Ask HN: Do you enjoy programming or do you see it as a means to an end (start a business)? - endtwist

This is something I've been asked personally a number of times by both people within and outside the tech industry, and I was curious what the opinions/feelings of the Hacker News community were.<p>Do you enjoy programming? Is it just a way to build your vision, but you don't find it fun (enjoyable)? Both, perhaps? Obviously, this might not be just a black/white issue for a lot of people, too.
======
brianto2010
Yes, I do enjoy programming. Sometimes, it _is_ a means to an end for me (as
in to accomplish a task, not a business), but is nonetheless fun.

Typically, I find the most enjoyment out of programming when I am working on
projects _I_ want to work on. The sheer joy of seeing your creation come to
life from your own two hands is immeasurable. Even fighting (and conquering)
bugs and the compiler is thrilling, despite the superficial swearing.

Programming as a means to an end is also enjoyable, given certain
circumstances. For example, I _still_ feel a rush when I crank out a memorized
quadratic solver program or trapezoid rule program on a TI-83/84 for a friend
or classmate in math class. Also, I get my work done much faster.

However, programming as a _required_ task is unpleasant. In my AP Computer
Science course, I am required to create derivative "Bug" classes from the
GridWorld API and hand it in. It is utterly boring! I feel like a code monkey
every second while programming that monstrosity. It offers no benefit for me
at all. The only thing I get out of the ordeal is a stupid little number
(actually letter) that goes on my transcript. By the way, I also learn all
essential topics (like data structures) outside of class, so I _really_ feel
like I am not missing anything interesting or useful.

At the risk of being proved incorrect or downmodded, I will offer an analogy:

Programming is like an arts-n-crafts class when you were a child. You get to
create neat-looking bracelets, necklaces, ceramics, or origami in a relatively
short time, but with full excitement. Best of all, _you get to keep your
creation_ and treasure it forever. That is the _true_ reward.

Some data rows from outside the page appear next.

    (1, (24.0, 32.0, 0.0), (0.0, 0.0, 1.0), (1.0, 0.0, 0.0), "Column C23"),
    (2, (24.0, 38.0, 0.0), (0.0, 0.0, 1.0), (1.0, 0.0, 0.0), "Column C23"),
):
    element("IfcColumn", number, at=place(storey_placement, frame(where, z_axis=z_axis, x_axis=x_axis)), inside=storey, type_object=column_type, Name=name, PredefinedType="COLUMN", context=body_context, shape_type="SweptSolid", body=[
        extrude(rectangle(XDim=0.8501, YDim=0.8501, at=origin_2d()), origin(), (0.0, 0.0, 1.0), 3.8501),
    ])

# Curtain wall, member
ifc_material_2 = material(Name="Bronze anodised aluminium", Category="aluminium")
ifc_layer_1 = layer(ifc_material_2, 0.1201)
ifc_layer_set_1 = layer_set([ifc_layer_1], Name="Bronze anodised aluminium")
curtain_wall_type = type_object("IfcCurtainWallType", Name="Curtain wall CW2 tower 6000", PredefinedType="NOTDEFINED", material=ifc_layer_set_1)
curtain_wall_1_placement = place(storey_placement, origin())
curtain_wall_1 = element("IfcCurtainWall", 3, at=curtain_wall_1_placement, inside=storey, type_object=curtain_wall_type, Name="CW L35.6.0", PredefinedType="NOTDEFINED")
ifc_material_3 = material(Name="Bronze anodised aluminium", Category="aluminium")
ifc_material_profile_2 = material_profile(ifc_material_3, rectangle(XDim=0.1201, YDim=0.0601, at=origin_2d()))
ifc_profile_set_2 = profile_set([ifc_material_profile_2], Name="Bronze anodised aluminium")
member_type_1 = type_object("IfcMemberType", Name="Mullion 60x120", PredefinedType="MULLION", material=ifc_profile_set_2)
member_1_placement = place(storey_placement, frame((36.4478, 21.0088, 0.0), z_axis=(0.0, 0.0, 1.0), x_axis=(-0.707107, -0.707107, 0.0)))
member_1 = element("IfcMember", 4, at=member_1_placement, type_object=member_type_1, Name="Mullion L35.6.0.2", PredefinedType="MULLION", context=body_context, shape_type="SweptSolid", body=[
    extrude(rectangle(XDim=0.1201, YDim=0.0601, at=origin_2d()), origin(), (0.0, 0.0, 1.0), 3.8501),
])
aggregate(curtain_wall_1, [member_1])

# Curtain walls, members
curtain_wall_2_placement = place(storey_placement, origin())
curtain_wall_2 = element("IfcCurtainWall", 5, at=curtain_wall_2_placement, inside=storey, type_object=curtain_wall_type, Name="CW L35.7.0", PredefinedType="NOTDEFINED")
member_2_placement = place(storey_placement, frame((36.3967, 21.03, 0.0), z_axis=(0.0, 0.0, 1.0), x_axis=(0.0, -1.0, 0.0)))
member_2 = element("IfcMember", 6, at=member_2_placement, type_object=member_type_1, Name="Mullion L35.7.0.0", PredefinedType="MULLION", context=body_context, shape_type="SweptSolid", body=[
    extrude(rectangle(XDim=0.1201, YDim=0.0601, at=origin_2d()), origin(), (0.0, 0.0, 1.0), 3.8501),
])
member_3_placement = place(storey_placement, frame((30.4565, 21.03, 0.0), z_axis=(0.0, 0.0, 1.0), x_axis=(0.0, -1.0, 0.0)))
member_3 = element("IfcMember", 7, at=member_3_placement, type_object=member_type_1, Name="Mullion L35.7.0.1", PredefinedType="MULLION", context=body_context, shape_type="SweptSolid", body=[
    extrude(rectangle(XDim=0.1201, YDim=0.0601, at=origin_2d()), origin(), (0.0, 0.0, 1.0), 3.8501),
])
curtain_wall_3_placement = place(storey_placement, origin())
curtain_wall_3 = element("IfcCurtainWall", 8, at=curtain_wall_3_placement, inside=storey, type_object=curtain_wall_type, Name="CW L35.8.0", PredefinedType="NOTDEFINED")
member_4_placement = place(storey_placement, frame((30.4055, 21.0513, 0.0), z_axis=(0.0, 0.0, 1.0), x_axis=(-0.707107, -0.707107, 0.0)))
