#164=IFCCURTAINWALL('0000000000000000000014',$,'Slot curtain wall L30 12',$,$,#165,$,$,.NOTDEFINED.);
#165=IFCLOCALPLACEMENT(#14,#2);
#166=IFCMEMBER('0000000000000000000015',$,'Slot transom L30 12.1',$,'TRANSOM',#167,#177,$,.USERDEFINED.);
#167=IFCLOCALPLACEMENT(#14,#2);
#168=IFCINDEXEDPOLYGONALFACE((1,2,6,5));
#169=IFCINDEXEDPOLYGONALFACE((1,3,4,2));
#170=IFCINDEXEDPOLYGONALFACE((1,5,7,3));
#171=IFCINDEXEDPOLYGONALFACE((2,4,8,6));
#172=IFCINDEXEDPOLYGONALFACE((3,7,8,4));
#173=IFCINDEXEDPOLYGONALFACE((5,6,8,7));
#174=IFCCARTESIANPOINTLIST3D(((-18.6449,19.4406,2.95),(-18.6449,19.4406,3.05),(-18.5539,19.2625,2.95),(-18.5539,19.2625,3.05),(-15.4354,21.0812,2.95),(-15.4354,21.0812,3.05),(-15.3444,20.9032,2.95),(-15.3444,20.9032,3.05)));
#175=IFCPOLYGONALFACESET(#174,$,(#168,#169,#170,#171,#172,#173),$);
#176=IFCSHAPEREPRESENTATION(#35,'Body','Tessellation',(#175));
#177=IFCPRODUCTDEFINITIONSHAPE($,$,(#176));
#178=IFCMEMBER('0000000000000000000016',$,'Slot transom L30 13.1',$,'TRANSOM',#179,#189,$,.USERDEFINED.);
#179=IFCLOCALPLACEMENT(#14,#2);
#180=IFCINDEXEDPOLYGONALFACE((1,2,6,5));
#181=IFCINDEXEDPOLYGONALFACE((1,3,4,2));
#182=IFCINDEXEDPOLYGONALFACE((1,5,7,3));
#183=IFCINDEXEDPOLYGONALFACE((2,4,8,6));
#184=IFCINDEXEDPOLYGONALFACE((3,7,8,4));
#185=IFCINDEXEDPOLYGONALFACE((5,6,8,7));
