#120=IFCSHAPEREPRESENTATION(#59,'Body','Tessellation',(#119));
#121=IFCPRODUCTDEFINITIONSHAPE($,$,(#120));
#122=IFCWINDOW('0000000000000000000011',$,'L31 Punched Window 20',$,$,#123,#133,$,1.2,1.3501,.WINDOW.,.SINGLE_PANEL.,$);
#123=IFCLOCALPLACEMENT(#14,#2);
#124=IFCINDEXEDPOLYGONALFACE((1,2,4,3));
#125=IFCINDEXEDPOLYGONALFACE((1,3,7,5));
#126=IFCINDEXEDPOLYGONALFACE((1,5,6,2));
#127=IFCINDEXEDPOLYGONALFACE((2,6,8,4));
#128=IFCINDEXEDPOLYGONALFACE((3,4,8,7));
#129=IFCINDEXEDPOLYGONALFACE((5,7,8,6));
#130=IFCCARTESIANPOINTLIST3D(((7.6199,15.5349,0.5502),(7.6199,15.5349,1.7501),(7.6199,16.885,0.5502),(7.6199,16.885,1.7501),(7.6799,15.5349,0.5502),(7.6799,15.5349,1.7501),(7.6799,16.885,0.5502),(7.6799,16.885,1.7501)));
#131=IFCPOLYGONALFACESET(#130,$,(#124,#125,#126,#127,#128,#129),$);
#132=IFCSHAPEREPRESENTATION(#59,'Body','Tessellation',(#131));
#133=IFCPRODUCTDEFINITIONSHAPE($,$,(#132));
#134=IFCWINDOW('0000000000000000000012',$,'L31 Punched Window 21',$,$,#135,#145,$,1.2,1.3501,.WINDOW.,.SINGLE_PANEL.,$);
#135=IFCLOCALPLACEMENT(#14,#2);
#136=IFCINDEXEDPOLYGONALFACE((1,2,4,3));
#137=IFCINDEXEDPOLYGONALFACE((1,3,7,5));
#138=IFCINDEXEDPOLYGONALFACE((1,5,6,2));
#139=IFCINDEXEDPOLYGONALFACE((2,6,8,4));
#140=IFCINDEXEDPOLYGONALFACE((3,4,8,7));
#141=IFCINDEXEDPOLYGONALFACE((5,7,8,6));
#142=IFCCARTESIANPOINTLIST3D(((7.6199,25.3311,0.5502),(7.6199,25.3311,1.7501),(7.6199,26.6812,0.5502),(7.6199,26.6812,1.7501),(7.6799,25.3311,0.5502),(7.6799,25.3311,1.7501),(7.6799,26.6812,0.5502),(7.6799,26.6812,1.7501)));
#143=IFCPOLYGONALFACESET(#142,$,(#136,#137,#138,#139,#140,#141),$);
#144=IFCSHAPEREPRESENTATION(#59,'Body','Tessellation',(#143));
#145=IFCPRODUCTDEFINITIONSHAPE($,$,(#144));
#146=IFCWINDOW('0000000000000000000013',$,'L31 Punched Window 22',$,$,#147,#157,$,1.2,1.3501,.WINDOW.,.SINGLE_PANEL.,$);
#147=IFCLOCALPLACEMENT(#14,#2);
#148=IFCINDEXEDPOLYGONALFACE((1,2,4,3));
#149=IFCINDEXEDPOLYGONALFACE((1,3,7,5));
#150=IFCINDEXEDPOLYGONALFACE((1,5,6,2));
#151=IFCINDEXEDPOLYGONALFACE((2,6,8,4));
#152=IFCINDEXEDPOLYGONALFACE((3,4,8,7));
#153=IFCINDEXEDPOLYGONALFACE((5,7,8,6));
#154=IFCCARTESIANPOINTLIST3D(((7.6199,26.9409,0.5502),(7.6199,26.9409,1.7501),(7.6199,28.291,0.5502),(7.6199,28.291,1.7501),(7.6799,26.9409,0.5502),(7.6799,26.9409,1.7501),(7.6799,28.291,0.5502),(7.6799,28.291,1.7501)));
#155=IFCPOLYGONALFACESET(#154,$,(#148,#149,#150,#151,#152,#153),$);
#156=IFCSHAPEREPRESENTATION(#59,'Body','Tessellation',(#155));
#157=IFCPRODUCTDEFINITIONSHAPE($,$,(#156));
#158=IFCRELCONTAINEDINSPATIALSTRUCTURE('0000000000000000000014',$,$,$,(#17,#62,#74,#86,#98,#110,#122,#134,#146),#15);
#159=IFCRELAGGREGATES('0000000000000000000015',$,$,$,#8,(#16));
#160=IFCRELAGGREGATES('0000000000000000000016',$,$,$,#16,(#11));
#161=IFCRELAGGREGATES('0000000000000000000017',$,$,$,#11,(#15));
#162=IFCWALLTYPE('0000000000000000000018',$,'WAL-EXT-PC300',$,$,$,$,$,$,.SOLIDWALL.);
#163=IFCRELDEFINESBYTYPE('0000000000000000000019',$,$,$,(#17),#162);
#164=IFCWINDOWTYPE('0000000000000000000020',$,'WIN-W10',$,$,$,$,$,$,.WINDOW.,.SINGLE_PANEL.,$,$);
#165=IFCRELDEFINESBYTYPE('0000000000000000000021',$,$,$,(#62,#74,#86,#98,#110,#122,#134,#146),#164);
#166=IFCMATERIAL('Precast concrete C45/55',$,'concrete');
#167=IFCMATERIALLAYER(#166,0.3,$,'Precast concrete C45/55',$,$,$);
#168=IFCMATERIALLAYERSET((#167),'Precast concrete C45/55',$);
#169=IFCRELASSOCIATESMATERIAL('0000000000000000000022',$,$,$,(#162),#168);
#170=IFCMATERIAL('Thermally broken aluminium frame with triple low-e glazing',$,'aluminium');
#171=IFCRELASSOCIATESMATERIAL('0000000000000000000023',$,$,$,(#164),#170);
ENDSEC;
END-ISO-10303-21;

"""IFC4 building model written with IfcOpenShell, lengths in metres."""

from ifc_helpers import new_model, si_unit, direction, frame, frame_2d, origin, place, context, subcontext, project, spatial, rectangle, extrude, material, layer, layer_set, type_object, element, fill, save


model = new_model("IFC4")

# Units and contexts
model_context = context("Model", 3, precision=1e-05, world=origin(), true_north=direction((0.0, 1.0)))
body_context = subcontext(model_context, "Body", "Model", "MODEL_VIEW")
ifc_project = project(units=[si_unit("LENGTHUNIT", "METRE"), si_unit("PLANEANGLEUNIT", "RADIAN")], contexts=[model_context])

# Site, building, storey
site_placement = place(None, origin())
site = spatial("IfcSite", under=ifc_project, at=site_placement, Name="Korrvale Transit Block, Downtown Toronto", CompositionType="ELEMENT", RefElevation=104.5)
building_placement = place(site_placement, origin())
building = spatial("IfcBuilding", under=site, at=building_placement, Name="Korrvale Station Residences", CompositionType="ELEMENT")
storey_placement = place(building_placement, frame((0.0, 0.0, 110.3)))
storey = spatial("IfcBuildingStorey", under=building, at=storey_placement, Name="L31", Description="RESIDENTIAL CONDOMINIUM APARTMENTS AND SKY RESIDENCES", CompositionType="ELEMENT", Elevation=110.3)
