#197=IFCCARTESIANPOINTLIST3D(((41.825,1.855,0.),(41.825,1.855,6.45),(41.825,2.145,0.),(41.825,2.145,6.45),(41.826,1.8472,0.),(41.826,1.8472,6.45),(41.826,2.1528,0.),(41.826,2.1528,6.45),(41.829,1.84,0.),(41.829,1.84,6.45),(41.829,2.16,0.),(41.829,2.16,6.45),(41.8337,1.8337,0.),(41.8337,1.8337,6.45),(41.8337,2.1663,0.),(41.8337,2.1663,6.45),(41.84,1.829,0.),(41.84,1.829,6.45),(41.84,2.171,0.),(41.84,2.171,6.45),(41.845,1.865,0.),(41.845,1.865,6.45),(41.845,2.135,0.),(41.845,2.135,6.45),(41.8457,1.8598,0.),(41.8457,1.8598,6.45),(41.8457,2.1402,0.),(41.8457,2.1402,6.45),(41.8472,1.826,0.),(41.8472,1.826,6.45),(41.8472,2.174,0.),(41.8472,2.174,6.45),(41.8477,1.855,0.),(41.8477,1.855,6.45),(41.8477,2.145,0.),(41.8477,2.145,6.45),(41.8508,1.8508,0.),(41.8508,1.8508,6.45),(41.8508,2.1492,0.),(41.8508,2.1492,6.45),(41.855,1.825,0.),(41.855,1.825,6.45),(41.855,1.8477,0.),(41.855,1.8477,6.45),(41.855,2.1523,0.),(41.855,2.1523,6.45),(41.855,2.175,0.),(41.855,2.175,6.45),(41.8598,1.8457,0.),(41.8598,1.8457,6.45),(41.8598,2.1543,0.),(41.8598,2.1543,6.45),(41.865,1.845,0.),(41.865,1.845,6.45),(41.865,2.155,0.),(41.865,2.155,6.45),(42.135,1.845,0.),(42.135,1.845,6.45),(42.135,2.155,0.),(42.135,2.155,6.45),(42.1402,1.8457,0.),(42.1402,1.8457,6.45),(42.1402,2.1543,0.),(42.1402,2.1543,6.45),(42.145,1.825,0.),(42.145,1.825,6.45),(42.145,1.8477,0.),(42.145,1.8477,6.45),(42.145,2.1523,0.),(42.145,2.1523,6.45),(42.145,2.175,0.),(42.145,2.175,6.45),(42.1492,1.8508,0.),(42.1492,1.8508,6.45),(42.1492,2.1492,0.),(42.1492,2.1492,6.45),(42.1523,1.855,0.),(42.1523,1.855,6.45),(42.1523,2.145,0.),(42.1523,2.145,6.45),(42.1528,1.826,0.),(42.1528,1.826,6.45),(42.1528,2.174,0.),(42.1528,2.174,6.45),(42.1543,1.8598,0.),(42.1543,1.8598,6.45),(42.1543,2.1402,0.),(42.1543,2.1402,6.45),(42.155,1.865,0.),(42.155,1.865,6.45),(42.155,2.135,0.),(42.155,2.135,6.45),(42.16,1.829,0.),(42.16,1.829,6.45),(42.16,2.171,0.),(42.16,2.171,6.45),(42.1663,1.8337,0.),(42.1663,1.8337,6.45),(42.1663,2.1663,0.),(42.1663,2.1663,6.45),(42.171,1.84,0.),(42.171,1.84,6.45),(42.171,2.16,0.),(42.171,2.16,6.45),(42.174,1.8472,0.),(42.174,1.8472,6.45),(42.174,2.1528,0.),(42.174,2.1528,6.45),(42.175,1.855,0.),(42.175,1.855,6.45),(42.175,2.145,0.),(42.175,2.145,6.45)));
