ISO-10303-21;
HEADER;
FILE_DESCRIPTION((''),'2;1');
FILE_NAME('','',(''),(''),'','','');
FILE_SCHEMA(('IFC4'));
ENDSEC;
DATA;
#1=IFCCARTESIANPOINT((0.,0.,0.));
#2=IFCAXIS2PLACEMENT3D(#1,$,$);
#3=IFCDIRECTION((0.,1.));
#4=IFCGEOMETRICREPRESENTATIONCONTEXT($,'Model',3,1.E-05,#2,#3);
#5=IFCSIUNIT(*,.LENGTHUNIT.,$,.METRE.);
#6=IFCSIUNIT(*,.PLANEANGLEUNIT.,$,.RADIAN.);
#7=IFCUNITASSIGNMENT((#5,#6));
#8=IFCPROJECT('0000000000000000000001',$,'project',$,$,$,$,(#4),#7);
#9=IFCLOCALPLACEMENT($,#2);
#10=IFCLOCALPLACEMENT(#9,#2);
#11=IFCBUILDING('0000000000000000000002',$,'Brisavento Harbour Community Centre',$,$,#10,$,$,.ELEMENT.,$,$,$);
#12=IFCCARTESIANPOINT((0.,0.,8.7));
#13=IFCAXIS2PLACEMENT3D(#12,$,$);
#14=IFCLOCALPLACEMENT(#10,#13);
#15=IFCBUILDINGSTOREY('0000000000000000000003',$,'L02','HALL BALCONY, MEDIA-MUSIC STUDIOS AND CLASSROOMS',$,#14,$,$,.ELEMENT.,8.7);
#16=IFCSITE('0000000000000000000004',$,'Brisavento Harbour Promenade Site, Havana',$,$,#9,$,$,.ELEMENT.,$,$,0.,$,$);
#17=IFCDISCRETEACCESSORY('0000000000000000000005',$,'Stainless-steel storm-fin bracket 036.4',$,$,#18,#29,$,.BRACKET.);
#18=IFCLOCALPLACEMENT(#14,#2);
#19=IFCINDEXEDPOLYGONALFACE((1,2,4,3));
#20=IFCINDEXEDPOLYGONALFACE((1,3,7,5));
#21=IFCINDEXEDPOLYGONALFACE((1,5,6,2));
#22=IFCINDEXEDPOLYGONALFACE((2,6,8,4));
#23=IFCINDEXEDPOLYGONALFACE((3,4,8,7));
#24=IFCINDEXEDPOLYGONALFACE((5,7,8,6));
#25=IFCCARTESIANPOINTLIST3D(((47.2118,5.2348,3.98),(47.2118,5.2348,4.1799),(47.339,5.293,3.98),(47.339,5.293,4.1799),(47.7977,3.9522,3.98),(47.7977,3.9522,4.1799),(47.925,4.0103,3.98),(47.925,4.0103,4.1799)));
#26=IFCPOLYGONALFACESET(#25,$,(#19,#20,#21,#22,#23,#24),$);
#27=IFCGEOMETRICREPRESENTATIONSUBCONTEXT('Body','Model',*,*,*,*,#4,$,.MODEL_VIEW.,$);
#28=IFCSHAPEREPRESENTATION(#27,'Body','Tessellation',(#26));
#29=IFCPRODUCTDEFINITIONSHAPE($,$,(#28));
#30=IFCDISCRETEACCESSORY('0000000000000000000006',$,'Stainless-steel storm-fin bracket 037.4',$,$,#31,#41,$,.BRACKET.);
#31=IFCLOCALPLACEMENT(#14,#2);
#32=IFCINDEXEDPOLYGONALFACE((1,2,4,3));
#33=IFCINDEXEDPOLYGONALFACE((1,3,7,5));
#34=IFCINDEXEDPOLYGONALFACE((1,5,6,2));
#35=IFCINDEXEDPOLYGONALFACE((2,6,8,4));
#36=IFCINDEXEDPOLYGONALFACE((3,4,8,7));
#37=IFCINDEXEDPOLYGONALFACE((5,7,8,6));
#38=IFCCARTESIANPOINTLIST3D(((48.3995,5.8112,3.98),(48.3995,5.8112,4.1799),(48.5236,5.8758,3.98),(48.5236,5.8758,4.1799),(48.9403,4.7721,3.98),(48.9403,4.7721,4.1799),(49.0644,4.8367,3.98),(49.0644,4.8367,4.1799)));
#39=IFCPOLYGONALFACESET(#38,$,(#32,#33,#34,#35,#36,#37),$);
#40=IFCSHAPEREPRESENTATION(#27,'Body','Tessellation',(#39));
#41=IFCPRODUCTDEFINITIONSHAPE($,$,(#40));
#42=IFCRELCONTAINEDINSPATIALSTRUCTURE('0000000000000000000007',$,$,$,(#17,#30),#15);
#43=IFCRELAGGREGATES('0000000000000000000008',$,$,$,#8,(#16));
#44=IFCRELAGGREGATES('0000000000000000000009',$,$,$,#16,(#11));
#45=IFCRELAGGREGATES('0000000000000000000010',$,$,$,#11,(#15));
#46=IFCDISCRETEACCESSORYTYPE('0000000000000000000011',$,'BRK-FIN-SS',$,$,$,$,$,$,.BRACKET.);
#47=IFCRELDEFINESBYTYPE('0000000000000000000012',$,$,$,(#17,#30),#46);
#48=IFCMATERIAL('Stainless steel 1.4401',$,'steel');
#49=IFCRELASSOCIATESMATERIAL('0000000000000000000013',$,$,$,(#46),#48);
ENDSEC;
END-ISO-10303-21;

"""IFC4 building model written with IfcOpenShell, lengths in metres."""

from ifc_helpers import new_model, si_unit, direction, frame, origin, origin_2d, place, context, subcontext, project, spatial, rectangle, extrude, material, type_object, element, save


model = new_model("IFC4")

# Units and contexts
model_context = context("Model", 3, precision=1e-05, world=origin(), true_north=direction((0.0, 1.0)))
body_context = subcontext(model_context, "Body", "Model", "MODEL_VIEW")
ifc_project = project(units=[si_unit("LENGTHUNIT", "METRE"), si_unit("PLANEANGLEUNIT", "RADIAN")], contexts=[model_context])

# Site, building, storey
site_placement = place(None, origin())
site = spatial("IfcSite", under=ifc_project, at=site_placement, Name="Brisavento Harbour Promenade Site, Havana", CompositionType="ELEMENT", RefElevation=0.0)
building_placement = place(site_placement, origin())
building = spatial("IfcBuilding", under=site, at=building_placement, Name="Brisavento Harbour Community Centre", CompositionType="ELEMENT")
storey_placement = place(building_placement, frame((0.0, 0.0, 8.7)))
storey = spatial("IfcBuildingStorey", under=building, at=storey_placement, Name="L02", Description="HALL BALCONY, MEDIA-MUSIC STUDIOS AND CLASSROOMS", CompositionType="ELEMENT", Elevation=8.7)

# Discrete accessories
ifc_material_1 = material(Name="Stainless steel 1.4401", Category="steel")
discrete_accessory_type = type_object("IfcDiscreteAccessoryType", Name="BRK-FIN-SS", PredefinedType="BRACKET", material=ifc_material_1)
discrete_accessory_1_placement = place(storey_placement, frame((47.5684, 4.6226, 3.98), z_axis=(0.0, 0.0, 1.0), x_axis=(0.415519, -0.909585, 0.0)))
element("IfcDiscreteAccessory", 1, at=discrete_accessory_1_placement, inside=storey, type_object=discrete_accessory_type, Name="Stainless-steel storm-fin bracket 036.4", PredefinedType="BRACKET", context=body_context, shape_type="SweptSolid", body=[
    extrude(rectangle(XDim=1.4102, YDim=0.1399, at=origin_2d()), origin(), (0.0, 0.0, 1.0), 0.2),
])
discrete_accessory_2_placement = place(storey_placement, frame((48.7319, 5.324, 3.98), z_axis=(0.0, 0.0, 1.0), x_axis=(0.461702, -0.887035, 0.0)))
element("IfcDiscreteAccessory", 2, at=discrete_accessory_2_placement, inside=storey, type_object=discrete_accessory_type, Name="Stainless-steel storm-fin bracket 037.4", PredefinedType="BRACKET", context=body_context, shape_type="SweptSolid", body=[
    extrude(rectangle(XDim=1.1714, YDim=0.1399, at=origin_2d()), origin(), (0.0, 0.0, 1.0), 0.2),
])

save(model, "model.ifc")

Programming is also like a pointless required class in grade school. You do
relatively boring projects just to fill out the graduation requirements and
the only reward you get is a small number placed in the top-right corner of
your paper which _might_ give you bragging rights, if at all.

For me, programming merely for the hell of it is fun.

------
davidw
If you don't enjoy _something_ about programming, I don't think you're a
"hacker", to put it bluntly. The something doesn't have to be writing code,
but might be solving problems with computers in a more general sense.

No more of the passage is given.